Average Expected Loss: 0.006
Average Bias: 0.005
Average Variance: 0.003


## XGBoost with tuned hyperparameters

In [None]:
# estimate bias and variance for optimized XGBoost
loss, bias, var = bias_variance_decomp(search_gb.best_estimator_, 
                                       x_train.values, y_train.values, x_test.values, y_test.values, 
                                       loss='0-1_loss', # use this instead of mse for binary classification
                                       num_rounds=50, # I could use more, but computing power is limited
                                       random_seed=10)
# summarize results
print('Average Expected Loss: %.3f' % loss)
print('Average Bias: %.3f' % bias)
print('Average Variance: %.3f' % var)

Average Expected Loss: 0.006
Average Bias: 0.005
Average Variance: 0.003


From the data above, it is difficult to say that one classifier is better than the other since their bias and variance from `bias_variance_decomp` are basically identical.

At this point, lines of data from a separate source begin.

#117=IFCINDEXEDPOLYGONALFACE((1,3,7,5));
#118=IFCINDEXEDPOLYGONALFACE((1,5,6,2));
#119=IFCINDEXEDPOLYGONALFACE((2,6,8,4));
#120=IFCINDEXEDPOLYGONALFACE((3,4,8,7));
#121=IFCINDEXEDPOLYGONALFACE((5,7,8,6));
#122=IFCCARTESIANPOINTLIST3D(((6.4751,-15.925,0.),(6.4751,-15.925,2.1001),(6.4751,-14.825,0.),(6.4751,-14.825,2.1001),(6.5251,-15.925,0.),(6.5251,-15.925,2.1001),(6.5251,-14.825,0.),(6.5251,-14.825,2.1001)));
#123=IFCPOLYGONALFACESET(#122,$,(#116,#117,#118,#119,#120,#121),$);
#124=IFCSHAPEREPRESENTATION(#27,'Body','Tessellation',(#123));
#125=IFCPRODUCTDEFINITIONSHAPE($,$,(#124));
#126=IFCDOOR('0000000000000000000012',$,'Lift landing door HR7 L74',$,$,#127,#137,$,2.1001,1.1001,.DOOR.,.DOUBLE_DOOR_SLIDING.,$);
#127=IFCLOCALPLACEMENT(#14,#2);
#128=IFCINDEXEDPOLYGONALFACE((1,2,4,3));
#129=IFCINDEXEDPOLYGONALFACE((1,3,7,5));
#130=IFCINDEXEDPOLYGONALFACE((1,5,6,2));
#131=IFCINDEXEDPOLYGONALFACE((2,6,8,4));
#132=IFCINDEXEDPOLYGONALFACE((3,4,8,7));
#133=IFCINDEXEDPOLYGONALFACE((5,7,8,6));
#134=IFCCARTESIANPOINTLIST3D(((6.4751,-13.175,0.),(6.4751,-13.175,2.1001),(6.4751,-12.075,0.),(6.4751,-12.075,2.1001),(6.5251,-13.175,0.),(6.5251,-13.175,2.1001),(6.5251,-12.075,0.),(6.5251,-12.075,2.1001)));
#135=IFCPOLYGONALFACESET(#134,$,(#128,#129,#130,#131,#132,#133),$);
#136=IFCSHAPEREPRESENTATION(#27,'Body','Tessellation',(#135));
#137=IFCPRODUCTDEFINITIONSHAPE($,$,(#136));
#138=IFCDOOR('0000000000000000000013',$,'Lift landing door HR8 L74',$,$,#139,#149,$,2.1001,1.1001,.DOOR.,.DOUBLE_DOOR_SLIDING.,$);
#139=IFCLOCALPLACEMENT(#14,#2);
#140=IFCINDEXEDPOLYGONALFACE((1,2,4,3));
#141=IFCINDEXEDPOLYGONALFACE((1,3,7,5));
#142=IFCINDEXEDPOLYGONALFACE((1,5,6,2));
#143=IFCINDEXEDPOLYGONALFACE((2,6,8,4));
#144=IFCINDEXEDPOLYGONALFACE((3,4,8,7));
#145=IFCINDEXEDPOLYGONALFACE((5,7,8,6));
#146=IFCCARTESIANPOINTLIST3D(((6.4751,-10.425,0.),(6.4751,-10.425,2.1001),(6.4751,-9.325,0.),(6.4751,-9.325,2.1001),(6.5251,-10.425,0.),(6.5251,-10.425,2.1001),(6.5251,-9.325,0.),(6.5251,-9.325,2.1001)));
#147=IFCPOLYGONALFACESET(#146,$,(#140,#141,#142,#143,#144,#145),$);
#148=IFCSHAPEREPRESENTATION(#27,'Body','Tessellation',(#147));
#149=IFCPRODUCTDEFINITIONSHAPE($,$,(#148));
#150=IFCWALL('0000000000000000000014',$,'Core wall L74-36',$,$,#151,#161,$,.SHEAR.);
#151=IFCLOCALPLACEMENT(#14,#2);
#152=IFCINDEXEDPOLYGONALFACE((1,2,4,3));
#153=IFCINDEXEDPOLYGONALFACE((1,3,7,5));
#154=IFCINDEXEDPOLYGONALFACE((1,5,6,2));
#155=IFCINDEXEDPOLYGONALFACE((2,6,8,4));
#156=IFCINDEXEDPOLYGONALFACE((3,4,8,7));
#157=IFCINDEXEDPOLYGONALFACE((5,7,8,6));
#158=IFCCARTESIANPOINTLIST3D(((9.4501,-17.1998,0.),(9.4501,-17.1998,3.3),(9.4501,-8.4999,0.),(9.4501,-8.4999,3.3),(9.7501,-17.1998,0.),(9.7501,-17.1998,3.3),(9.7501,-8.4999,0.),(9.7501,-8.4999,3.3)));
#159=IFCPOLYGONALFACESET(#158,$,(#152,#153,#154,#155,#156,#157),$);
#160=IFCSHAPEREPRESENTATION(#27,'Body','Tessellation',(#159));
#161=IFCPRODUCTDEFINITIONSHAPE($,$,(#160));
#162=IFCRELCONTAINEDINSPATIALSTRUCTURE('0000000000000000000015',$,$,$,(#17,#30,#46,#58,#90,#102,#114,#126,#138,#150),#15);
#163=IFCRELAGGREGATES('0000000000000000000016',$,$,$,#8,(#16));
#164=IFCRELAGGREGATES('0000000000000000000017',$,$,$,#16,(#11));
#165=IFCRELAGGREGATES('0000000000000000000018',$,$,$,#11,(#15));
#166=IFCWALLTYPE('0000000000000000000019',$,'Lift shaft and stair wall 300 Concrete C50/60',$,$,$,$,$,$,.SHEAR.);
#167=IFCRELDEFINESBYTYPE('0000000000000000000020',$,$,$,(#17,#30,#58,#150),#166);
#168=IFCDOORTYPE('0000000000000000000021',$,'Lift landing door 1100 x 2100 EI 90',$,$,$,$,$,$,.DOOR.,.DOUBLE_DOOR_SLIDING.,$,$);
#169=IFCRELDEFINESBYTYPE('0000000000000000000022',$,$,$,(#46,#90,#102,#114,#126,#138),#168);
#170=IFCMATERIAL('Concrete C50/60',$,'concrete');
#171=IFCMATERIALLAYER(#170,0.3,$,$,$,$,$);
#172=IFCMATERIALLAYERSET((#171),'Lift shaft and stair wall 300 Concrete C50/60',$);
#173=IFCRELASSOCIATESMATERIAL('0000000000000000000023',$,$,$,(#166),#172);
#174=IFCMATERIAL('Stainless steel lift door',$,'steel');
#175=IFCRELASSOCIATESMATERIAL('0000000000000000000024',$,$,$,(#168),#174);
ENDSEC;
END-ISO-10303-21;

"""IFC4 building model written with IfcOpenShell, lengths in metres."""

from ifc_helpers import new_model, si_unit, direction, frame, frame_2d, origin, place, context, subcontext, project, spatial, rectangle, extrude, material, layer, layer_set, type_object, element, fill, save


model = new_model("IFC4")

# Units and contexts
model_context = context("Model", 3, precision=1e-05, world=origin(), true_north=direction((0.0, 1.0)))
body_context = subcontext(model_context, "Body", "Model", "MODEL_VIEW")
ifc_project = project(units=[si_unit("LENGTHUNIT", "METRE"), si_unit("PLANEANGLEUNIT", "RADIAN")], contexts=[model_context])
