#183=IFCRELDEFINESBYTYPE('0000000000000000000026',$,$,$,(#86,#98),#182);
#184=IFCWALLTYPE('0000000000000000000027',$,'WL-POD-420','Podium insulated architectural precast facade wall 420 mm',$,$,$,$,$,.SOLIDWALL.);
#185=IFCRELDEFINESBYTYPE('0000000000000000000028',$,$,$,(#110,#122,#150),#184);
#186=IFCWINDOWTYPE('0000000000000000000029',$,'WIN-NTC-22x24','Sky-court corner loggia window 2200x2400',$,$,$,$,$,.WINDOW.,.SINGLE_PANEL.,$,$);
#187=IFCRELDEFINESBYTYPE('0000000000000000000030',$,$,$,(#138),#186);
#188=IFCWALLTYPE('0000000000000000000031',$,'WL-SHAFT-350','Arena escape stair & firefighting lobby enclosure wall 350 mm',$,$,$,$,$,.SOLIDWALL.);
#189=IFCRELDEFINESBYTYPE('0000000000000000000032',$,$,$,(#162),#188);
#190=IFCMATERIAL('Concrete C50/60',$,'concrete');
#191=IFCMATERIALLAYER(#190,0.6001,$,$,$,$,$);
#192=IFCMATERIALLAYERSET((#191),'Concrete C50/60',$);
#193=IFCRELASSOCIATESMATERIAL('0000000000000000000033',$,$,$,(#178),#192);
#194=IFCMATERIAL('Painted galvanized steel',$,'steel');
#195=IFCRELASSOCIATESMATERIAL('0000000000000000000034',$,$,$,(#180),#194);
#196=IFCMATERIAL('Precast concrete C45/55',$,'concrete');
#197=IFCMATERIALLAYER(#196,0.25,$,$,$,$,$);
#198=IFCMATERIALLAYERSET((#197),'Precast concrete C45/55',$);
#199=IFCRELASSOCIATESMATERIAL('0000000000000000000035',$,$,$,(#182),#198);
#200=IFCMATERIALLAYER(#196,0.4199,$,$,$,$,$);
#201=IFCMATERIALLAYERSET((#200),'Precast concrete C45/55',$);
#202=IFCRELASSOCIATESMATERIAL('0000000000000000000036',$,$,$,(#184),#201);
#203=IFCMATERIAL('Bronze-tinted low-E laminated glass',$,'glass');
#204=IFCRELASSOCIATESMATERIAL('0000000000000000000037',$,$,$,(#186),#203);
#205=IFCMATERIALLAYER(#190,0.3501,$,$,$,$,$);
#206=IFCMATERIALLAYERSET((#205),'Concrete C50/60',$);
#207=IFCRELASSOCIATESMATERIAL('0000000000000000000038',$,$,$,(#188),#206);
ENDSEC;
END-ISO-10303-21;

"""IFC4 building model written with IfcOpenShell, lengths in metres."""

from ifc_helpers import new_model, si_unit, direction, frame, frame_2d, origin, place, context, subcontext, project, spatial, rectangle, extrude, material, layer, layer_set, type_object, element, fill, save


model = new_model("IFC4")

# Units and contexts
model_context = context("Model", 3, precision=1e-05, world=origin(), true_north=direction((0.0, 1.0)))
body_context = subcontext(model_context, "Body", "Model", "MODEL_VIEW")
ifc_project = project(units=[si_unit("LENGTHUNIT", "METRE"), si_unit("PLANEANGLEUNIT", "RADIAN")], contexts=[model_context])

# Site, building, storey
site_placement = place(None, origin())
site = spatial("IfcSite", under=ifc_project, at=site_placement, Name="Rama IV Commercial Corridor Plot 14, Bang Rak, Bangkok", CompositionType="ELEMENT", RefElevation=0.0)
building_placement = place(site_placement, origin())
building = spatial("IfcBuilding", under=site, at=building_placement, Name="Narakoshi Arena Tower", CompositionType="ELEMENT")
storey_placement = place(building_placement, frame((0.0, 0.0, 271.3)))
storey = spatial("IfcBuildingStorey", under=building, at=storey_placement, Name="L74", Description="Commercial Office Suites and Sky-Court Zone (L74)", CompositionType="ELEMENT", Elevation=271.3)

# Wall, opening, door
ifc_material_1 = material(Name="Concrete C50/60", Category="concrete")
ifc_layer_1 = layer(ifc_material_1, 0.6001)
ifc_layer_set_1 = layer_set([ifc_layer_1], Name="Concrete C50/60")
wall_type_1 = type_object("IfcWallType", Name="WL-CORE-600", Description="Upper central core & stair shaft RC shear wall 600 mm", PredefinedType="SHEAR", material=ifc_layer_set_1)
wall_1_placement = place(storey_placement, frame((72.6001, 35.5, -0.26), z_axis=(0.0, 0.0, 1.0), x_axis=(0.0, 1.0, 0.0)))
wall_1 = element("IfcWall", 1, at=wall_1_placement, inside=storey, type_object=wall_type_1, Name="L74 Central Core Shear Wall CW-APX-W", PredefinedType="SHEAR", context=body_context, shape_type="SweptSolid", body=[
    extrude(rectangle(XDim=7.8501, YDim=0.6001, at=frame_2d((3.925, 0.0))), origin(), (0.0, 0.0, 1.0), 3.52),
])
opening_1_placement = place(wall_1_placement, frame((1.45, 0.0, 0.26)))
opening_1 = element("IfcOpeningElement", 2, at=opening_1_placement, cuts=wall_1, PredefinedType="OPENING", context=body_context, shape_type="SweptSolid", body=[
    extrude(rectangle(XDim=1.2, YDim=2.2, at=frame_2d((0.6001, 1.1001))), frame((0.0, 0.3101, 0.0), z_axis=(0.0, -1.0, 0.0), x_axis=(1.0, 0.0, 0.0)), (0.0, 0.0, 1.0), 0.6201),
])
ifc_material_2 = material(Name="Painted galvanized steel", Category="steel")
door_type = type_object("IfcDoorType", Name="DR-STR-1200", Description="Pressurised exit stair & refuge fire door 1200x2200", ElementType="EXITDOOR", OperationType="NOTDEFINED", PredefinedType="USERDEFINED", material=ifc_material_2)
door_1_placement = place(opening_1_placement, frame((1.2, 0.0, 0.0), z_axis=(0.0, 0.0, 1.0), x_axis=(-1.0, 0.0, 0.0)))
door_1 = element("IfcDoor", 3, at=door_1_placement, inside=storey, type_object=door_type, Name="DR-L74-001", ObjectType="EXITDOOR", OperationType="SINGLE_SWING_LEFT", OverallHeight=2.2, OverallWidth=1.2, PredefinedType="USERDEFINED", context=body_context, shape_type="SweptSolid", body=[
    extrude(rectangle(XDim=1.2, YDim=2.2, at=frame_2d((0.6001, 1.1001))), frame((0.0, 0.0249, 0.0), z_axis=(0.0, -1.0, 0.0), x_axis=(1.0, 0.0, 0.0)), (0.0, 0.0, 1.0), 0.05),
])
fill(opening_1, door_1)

It is interesting that although both algorithms are tree-based classifiers, the `max_depth` are very different. Random forests have much deeper trees compared to XGBoost. [Source](https://towardsdatascience.com/why-do-random-forest-and-gradient-boosted-decision-trees-have-vastly-different-optimal-max-depth-a64c2f63e127#:~:text=Bias%20measures%20the%20systematic%20loss,patterns%20in%20data%20(overfitting)) 




In [None]:
print(search_gb.best_params_)
print(rf_search.best_params_)

{'n_estimators': 460, 'min_samples_split': 10, 'min_samples_leaf': 2, 'max_features': None, 'max_depth': 4, 'learning_rate': 0.2}
{'n_estimators': 1600, 'min_samples_split': 10, 'min_samples_leaf': 1, 'max_features': None, 'max_depth': 70, 'bootstrap': False}


## Base XGBoost

In [None]:
# estimate bias and variance for optimized XGBoost
loss, bias, var = bias_variance_decomp(GradientBoostingClassifier(random_state=10), 
                                       x_train.values, y_train.values, x_test.values, y_test.values, 
                                       loss='0-1_loss', # use this instead of mse for binary classification
                                       num_rounds=50, # I could use more, but computing power is limited
                                       random_seed=10)
# summarize results
print('Average Expected Loss: %.3f' % loss)
print('Average Bias: %.3f' % bias)
print('Average Variance: %.3f' % var)

Average Expected Loss: 0.006
Average Bias: 0.005
Average Variance: 0.004


The default XGBoost also has almost identical average bias and variance over 50 bootstrapped samples as the previous. Here, I'll conclude that the default XGBoost is the best performing model since it has the highest scoring in the evaluation metrics: 
    
    cohen_kappa_score
    f1_score
    roc_auc_score
    jaccard_score
    recall_score

all the while having similar bias and variance.